VARS Gene: A Vital Player in Cognitive Function

Description:

The VARS gene, located on chromosome 16, encodes a protein called valyl-tRNA synthetase. This protein is essential for protein synthesis, the process by which cells create proteins. Valyl-tRNA synthetase attaches the amino acid valine to tRNA molecules, which then carry valine to the ribosome during protein synthesis.

Associated Diseases:

Mutations in the VARS gene have been linked to a range of neurodegenerative and cognitive disorders, including:

  • Amyotrophic lateral sclerosis (ALS): ALS is a fatal disease that affects motor neurons, leading to progressive muscle weakness and paralysis.
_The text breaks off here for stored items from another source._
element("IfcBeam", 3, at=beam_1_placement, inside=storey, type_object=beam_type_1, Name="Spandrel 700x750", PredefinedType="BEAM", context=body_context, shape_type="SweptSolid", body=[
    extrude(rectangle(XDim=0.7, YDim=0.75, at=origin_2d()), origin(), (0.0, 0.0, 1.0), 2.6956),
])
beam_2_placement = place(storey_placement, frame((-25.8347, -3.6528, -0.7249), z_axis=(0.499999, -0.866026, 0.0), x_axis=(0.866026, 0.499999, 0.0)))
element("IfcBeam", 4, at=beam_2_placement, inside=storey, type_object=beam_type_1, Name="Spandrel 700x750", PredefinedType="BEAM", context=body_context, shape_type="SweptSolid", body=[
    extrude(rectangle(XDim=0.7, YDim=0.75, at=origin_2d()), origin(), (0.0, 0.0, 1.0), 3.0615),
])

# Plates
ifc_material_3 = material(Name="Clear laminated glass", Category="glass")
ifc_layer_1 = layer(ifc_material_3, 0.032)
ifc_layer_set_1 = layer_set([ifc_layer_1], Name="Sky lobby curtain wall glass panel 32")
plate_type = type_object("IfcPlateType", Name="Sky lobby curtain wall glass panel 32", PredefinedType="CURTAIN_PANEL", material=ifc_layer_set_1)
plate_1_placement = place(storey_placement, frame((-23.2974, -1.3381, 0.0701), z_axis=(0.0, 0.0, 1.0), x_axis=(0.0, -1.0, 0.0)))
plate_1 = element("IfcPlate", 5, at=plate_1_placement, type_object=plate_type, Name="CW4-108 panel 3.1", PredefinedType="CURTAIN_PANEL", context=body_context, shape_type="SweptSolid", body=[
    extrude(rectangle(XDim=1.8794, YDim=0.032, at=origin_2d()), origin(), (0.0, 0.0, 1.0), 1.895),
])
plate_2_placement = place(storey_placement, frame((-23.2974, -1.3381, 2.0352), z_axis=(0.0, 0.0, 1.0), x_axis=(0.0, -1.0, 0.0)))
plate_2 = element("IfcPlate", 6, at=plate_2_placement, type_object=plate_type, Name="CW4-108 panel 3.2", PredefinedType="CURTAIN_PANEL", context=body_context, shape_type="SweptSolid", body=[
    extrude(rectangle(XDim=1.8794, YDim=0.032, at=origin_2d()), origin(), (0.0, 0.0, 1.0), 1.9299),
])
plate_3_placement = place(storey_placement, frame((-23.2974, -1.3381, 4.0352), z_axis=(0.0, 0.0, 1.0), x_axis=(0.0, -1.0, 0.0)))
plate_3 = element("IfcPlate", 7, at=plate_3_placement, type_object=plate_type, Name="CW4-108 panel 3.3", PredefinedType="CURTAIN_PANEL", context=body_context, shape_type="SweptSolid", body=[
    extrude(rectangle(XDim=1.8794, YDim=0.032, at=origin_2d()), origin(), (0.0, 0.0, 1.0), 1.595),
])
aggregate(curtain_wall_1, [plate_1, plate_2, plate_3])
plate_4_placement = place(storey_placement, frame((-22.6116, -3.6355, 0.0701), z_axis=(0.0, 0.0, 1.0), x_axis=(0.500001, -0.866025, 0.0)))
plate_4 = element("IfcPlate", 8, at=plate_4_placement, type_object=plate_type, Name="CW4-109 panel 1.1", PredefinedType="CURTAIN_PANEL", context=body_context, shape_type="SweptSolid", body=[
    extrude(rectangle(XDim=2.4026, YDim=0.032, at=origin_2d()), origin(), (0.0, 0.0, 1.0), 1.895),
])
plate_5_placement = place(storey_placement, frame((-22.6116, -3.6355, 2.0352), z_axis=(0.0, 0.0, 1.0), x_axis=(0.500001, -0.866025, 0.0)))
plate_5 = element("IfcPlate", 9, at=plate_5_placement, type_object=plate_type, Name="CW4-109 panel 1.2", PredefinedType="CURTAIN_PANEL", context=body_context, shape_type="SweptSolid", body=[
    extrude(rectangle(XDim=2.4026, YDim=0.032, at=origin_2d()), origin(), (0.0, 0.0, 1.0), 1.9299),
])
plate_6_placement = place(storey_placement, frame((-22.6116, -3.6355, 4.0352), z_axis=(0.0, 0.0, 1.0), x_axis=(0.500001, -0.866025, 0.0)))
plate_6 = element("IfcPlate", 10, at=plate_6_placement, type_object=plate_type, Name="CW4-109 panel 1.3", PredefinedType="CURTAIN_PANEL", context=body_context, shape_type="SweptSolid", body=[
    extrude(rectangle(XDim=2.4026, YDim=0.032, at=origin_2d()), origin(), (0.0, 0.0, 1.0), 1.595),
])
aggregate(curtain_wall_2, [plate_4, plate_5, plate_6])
Mutations in the VARS gene account for approximately 1-2% of familial ALS cases.
  • Frontotemporal dementia (FTD): FTD is a degenerative brain disorder that affects behavior, personality, and language. VARS mutations are responsible for a rare form of FTD known as atypical FTD-ALS.
  • Multiple system atrophy (MSA): MSA is a neurodegenerative disorder that affects the autonomic nervous system, movement, and cognition. VARS mutations have been associated with some cases of MSA.
  • Autism spectrum disorder (ASD): Research suggests that certain VARS mutations may be a risk factor for ASD, particularly in individuals with intellectual disability or developmental delay.

Did you Know ?

Approximately 0.1% of people in the general population carry a mutation in the VARS gene, making it one of the most common genetic risk factors for ALS.



Disclaimer

The information provided here is not exhaustive by any means. Always consult your doctor or other qualified healthcare provider with any questions you may have regarding a medical condition, procedure, or treatment, whether it is a prescription medication, over-the-counter drug, vitamin, supplement, or herbal alternative.